Even if she takes the letter with her, how are you going to know she gave it to him?


----------



## LOSTfan

Well She did take it without me saying anything. Now I need your help guys. With this unique situation of him living in a hotel room, I came up with two ways to ensure delivery. Either she takes it to his room herself , but she records the whole process with her phone from going in the elevator, walking down the hallway, slipping it in his door and walking back and back down the elevator or she does it with me when i come pick her up tonight
_Posted via Mobile Device_


----------



## keko

Stop by during her lunch break and slip it under his door yourself.


----------



## LOSTfan

So I told her we would do it together when I come pick her up at 6. And she had no issue with that. The only thing she brought up was what would I do if he were to walk out or happen to open the door while we were doing this. Good question, I know shes asking because she doesnt want me to do something to get myself arrested. But Im willing to take the chance. I trust myself not to do something stupid.


----------



## LOSTfan

So Ive read different threads about how if the WW does take the A deeper underground, are there usual methods of this to watch out for? I found a phone that unleashed all this, I doubt that will happen again if it went deeper underground. Aside from spying every day, are there any other detection techniques aside from the usual VAR's and such?


----------



## keko

Since the OM lives where she works there aren't much methods to catch them other then physical surveillance. Do you have any close/old buddies at her work that will 'spy' for you?


----------



## SadSamIAm

Make sure you know for sure what room he is in at the hotel. Don't take her word for it.


----------



## LOSTfan

Good point. But how do I do that? I know the room number she told me.. I could call it I suppose. I know they wont tell me at the front desk.They keep that kind of thing private. Esp if its an employee


----------



## NewM

What is the point of you giving it to him?He didn't care last time and won't care this time,your wife has to be the one who wants to stop all contact.If you can't trust her that she will give himletter then how can you trust that she won't just give him letter with you and continue talking like the letter never happened.He won't give a **** about NC letter if your wife is still willing to talk to him.


----------



## Monroe

LOSTfan said:


> So Ive read different threads about how if the WW does take the A deeper underground, are there usual methods of this to watch out for? I found a phone that unleashed all this, I doubt that will happen again if it went deeper underground. Aside from spying every day, are there any other detection techniques aside from the usual VAR's and such?

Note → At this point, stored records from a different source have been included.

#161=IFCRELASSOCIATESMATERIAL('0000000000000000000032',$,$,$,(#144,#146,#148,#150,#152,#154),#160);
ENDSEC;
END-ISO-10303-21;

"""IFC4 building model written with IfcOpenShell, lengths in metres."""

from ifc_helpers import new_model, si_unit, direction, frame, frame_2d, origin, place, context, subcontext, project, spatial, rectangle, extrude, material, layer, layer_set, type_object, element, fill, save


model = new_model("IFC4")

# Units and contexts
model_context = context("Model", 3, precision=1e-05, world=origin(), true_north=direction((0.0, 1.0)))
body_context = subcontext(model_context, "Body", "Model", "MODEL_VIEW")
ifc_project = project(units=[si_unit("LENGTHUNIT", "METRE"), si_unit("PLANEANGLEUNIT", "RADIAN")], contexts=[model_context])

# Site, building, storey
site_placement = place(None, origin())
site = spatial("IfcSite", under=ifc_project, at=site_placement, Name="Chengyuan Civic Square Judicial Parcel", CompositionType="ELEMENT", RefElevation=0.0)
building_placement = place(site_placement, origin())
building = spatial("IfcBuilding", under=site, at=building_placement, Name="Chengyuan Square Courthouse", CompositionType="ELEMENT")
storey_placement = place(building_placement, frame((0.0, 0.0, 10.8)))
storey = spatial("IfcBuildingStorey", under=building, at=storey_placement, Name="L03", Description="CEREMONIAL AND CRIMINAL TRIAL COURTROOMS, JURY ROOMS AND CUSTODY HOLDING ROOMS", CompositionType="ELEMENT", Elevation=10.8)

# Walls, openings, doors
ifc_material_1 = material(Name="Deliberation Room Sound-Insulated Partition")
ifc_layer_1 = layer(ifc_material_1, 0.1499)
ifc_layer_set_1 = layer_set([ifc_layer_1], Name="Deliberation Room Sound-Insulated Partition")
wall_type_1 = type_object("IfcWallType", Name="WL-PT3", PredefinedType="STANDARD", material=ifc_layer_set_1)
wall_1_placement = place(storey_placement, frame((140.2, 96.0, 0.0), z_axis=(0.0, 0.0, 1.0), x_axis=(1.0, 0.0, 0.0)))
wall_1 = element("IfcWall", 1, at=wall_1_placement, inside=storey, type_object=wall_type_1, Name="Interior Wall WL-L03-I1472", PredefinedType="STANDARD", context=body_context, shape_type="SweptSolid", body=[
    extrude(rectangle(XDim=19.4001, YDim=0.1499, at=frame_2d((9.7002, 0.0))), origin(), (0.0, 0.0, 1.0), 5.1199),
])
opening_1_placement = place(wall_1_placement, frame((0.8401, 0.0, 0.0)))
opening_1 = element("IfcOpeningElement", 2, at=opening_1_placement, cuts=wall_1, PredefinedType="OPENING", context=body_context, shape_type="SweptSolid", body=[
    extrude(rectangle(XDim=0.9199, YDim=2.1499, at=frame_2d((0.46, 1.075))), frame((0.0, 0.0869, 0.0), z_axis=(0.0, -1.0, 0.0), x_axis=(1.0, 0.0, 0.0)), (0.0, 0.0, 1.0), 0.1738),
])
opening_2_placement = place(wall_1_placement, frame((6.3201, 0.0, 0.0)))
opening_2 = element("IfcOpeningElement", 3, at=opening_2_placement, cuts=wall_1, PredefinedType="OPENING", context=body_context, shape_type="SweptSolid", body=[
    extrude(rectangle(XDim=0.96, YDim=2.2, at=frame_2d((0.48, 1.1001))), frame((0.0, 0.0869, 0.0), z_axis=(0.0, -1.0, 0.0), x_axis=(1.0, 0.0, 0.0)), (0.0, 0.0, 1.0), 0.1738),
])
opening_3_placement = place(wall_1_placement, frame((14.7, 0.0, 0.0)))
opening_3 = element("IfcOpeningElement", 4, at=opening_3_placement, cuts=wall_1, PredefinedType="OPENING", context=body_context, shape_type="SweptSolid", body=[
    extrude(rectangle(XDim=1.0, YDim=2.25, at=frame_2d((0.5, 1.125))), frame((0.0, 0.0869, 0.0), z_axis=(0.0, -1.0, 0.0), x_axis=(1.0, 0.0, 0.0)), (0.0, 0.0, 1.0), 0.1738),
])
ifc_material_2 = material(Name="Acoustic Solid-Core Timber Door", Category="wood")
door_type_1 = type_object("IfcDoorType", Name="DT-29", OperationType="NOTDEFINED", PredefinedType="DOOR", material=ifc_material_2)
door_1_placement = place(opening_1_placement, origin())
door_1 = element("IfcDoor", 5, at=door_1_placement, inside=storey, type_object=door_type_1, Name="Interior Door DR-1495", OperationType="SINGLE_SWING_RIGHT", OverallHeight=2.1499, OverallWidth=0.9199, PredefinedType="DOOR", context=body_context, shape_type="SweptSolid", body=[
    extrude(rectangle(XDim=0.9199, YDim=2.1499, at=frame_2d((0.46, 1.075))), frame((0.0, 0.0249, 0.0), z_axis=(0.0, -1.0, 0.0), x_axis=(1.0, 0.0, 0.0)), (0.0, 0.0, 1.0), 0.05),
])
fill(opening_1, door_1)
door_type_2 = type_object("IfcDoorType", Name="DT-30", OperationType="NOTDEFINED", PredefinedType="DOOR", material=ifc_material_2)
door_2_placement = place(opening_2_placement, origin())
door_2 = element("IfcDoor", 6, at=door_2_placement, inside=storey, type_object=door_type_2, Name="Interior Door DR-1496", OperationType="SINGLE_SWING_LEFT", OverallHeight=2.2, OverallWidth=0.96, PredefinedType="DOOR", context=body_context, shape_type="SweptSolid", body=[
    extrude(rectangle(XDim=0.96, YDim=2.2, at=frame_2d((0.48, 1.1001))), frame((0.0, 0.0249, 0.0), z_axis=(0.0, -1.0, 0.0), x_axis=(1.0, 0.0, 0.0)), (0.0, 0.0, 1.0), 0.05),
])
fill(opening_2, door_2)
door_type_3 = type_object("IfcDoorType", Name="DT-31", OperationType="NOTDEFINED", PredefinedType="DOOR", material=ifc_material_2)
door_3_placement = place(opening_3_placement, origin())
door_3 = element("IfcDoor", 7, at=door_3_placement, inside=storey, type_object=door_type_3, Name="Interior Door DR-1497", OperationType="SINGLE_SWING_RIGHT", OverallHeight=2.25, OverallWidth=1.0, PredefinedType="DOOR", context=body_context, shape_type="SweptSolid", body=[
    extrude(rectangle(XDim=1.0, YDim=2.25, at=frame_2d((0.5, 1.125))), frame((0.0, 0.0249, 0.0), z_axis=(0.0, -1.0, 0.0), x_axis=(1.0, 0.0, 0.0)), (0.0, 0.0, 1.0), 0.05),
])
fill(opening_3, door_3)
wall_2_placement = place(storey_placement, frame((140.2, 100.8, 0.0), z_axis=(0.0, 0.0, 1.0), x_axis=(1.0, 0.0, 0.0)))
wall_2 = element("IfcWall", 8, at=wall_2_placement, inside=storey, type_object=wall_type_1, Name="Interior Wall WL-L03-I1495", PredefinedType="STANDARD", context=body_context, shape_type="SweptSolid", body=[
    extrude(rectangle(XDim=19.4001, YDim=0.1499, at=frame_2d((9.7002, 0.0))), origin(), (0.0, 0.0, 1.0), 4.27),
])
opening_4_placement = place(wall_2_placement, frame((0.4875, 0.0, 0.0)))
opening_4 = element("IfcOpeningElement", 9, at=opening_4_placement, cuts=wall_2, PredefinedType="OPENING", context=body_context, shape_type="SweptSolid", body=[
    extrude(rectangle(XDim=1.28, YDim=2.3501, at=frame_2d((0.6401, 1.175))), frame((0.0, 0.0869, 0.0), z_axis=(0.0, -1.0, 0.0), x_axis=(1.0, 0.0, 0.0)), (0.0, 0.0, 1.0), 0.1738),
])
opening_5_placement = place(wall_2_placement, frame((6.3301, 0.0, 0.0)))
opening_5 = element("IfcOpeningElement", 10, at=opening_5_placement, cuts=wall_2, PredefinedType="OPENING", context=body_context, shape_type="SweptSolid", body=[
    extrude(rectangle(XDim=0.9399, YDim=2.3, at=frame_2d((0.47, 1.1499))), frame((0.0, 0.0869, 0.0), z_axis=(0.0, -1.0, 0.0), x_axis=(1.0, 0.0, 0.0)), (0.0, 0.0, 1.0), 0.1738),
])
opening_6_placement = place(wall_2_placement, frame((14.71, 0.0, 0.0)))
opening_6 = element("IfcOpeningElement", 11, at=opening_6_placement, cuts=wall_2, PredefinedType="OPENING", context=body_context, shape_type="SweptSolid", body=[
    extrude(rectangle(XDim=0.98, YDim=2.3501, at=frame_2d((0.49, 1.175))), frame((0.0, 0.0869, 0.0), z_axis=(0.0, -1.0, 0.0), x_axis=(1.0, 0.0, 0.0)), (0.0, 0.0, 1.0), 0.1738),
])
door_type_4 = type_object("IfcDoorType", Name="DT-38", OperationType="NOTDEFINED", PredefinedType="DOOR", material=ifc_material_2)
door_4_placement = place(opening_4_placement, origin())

She needs to find a new job, ASAP. Spying on her is a waste of time and could be considered illegal (not sure of the laws in Vegas).


----------



## LOSTfan

I doubt showing up at her work 30 minutes before she thinks I'll be there is illegal. And she is finding a new job. This having to show up early to work thing just isnt going to take, I will not subject my mind to such torture.


----------



## LOSTfan

NewM said:


> What is the point of you giving it to him?He didn't care last time and won't care this time,your wife has to be the one who wants to stop all contact.If you can't trust her that she will give himletter then how can you trust that she won't just give him letter with you and continue talking like the letter never happened.He won't give a **** about NC letter if your wife is still willing to talk to him.


Im not giving it, shes putting under his door. And was more than willing to do it herself, but I feel like watching it happen. Its the firs step in a long process towards R, I get that, but I'd like to see the first step made for me.


----------



## LOSTfan

One thing Id like to ask is this lingering wondering of how many times it happened. You guys know the story, it was first just making out, but later in the convo she came out and said it was sex once. Now i know everyones opinion when a bh comes on here and says their ww said it only happened once. No one ever believes it and most of the time, it turns out to be more.

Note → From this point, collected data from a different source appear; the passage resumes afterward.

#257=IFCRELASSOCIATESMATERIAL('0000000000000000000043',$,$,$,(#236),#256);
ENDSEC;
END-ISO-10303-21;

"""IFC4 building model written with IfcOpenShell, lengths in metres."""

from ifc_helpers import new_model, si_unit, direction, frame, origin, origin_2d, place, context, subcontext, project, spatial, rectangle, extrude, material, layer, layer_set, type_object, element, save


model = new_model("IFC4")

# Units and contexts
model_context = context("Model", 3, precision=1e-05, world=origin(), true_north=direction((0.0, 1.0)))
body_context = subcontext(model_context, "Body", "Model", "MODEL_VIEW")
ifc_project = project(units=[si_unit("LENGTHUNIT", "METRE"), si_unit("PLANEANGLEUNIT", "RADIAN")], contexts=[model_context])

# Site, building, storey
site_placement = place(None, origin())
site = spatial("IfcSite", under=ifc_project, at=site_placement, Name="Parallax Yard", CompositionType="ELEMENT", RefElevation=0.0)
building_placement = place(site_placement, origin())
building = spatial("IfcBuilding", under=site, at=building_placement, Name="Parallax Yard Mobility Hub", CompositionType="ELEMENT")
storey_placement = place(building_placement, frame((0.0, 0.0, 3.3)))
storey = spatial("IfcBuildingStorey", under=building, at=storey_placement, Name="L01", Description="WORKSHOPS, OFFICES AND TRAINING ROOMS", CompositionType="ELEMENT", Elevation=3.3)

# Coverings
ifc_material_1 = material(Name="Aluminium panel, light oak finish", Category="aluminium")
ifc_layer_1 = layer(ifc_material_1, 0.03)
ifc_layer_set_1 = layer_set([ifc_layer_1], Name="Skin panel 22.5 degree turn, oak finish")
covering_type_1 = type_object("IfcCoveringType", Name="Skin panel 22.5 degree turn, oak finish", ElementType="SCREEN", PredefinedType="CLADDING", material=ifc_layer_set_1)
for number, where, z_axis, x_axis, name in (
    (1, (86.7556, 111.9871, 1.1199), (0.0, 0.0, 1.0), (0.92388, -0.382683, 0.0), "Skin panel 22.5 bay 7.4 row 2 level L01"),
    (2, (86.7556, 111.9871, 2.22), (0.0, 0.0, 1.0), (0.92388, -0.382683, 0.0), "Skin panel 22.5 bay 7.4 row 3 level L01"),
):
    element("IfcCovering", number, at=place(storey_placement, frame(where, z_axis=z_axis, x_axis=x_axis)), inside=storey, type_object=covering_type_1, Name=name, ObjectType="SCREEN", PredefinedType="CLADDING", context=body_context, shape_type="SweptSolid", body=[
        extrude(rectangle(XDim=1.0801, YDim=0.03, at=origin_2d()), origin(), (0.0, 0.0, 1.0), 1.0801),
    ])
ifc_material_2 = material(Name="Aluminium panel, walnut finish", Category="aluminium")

But Ive asked her now every day if it was more than once and she is just so adamant that it never happened more than once. I obviously get that she may be lying, but couldnt it just have only happened once? I dont even know what im asking right now, I guess Im just venting....


----------



## keko

Possible? Yes.

Likely? No.
_Posted via Mobile Device_


----------



## LOSTfan

We're doing mc on tuesday... I did put in my list of things I wouldn't tolerate, "if I ever find out from someone other than you, through polygraph or the om, or anyone that it happened more than once, I'm done"
_Posted via Mobile Device_


----------



## tacoma

Have her take the poly


----------



## the guy

I did all the same crap you are doing. It was 2-1/2 years ago I would follow my fWW around the casino and watch her after work and follow her home.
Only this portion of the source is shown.